2.3.2 革兰阳性菌所致老年感染性疾病的治疗药物选择 应该根据药敏结果和老年患者身体基础状况选择合适的抗菌药物[25],如:产ESBLs的阴性菌感染可选亚胺培南(imipenem)、美罗培南(meropenem)和帕尼培南(panipenem);耐药不动杆菌属可选碳青霉烯类、氨苄西林/舒巴坦(ampicillin/sulbactam)、头孢哌酮/舒巴坦(cefoperazone/sulbactam)、黏菌素或多黏菌素和替加环素(tigecycline);泛耐药革兰阴性菌可选择黏菌素或多黏菌素、碳青霉烯类为基础的联合用药(美罗培南+氨基糖苷类等)依据致病菌的不同选择抗菌药物的同时,老年患者的基础疾病也非常值得关注[26],如肾功能不全患者应选用头孢类抗菌药;肝功能异常者则应选用哌拉西林/他唑巴坦、头孢他啶(ceftazidime)、头孢吡肟(cefepime)、亚胺培南、美罗培南和帕尼培南;重症感染伴有明显消化道症状、中枢急性病变或癫痫患者,应选择美罗培南和帕尼培南;对于有出血倾向的患者应选用头孢哌酮或头孢哌酮/舒巴坦,同时需加用维生素K1;氟喹诺酮类药物应用于老年患者时则需注意肌腱病、校正后Q-T间期延长和精神症状的变化[20,27]。

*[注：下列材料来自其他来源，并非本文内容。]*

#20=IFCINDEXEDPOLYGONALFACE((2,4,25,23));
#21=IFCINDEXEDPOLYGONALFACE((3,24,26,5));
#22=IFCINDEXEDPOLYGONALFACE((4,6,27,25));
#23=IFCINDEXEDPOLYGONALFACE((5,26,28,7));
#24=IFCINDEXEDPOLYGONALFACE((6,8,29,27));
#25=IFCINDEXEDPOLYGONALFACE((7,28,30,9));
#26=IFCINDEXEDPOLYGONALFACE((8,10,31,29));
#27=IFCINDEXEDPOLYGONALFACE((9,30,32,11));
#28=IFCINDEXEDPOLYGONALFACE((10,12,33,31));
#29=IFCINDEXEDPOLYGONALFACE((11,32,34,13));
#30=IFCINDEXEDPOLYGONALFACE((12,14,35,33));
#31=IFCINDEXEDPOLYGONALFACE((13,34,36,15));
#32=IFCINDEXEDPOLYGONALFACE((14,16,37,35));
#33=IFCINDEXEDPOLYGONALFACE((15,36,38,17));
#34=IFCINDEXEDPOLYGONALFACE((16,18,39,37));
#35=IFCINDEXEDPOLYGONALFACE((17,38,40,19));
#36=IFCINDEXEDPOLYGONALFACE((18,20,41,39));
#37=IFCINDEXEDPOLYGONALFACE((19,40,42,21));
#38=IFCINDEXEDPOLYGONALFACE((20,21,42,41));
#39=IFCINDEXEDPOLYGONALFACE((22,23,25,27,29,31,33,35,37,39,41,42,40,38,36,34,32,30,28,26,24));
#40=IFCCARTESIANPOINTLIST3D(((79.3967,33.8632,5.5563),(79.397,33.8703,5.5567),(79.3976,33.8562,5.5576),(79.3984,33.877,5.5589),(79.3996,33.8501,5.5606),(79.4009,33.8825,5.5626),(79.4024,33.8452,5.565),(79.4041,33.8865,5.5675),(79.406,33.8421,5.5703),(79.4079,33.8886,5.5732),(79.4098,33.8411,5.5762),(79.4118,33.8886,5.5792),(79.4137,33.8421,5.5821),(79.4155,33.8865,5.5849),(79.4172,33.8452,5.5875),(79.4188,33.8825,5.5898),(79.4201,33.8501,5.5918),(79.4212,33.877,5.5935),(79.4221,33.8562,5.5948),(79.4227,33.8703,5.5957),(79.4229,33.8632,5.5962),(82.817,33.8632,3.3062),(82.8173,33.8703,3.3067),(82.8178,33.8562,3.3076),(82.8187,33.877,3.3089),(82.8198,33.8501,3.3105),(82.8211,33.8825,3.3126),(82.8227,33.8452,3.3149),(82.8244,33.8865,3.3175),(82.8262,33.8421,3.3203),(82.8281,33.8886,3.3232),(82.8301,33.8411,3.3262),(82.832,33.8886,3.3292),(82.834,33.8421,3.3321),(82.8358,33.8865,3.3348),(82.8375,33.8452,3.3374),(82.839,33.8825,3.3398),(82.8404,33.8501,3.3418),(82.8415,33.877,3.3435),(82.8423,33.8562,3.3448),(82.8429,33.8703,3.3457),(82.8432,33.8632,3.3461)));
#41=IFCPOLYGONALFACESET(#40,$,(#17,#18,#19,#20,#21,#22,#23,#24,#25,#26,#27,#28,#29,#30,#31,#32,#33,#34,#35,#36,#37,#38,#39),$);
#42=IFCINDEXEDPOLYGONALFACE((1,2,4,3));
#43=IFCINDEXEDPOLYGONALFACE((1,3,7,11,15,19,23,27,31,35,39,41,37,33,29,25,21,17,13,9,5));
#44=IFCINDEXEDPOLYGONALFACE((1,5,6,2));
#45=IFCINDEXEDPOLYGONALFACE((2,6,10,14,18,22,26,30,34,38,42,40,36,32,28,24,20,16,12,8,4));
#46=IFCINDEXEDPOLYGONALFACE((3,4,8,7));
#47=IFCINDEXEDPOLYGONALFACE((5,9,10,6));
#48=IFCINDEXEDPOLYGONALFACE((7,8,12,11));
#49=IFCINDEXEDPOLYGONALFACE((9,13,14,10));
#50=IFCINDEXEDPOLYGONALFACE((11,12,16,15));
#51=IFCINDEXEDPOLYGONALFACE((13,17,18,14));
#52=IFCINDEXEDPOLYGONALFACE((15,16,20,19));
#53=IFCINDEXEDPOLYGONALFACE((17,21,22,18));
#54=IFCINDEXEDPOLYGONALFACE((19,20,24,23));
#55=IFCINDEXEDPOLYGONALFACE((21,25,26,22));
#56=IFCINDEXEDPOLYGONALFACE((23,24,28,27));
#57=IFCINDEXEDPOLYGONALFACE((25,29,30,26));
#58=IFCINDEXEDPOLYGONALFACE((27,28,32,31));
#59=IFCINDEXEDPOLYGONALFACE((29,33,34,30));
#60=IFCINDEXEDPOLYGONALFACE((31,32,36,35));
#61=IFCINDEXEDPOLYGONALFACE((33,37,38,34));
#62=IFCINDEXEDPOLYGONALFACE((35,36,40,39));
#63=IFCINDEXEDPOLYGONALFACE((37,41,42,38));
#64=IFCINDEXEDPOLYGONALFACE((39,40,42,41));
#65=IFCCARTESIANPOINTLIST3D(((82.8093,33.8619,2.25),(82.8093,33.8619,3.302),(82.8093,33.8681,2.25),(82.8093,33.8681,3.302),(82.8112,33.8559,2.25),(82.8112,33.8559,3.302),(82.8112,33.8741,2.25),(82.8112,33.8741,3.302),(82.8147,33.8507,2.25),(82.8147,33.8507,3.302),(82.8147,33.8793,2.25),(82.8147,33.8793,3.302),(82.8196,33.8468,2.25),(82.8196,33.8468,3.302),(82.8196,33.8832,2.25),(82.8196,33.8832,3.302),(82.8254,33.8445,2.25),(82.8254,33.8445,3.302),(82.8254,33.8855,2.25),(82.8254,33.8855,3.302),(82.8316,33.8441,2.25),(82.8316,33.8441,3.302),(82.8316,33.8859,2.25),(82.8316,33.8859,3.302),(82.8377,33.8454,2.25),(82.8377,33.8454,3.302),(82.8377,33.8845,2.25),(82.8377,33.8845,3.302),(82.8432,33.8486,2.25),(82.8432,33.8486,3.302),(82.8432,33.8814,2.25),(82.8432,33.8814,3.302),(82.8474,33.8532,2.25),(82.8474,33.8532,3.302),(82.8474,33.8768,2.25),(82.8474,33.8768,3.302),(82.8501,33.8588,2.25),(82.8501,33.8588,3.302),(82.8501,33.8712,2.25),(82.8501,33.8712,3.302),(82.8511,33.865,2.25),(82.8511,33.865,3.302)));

2.3.3 真菌所致老年感染性疾病的治疗药物选择 老年患者感染性疾病中真菌感染的治疗药物选择也有很多需要注意的地方[20,28]:老年患者白色念珠菌和隐球菌肺部感染仍以氟康唑(fluconazole)为首选,也可以选择伊曲康唑(itraconazole)和伏立康唑(voriconazole),伊曲康唑对曲霉和念珠菌有活性;但对于念珠菌血症非中性粒细胞减少患者首选氟康唑或棘白菌素类,中性粒细胞减少患者可首选棘白菌素类或两性霉素B;对老年患者有肾功能减退或充血性心力衰竭者禁用静脉制剂,首选氟康唑;曲霉感染则首选伏立康唑,也可选择两性霉素B脂质体;非白色念珠菌感染伴随肝、肾功能减退者宜选用卡泊芬净和米卡芬净,这两种药对曲霉有抑菌作用,对隐球菌和毛霉没作用,且无中枢药物浓度。
综上所述,老年感染性疾病患者具有生理、病理、基础疾病等方面的特殊性,并且感染疾病类型和临床特点相对于青年人都有一定的特殊性。然而,目前上市的抗菌药物很少有专门针对老年人的PK/PD研究数据,因此对于老年感染性疾病患者的治疗不能简单地按照现有药品说明书和药敏结果选择抗菌药物,应结合老年患者的PK/PD特点、国家抗菌药物指导原则进一步优化老年感染性疾病患者抗菌药物治疗方案。在今后的工作中,我们应从精准医疗的角度出发,多开展老年感染性疾病的抗菌药物PK/PD研究,为老年感染性疾病患者这一特殊群体探寻安全、有效抗菌药物治疗方案奠定研究基础和提供理论依据。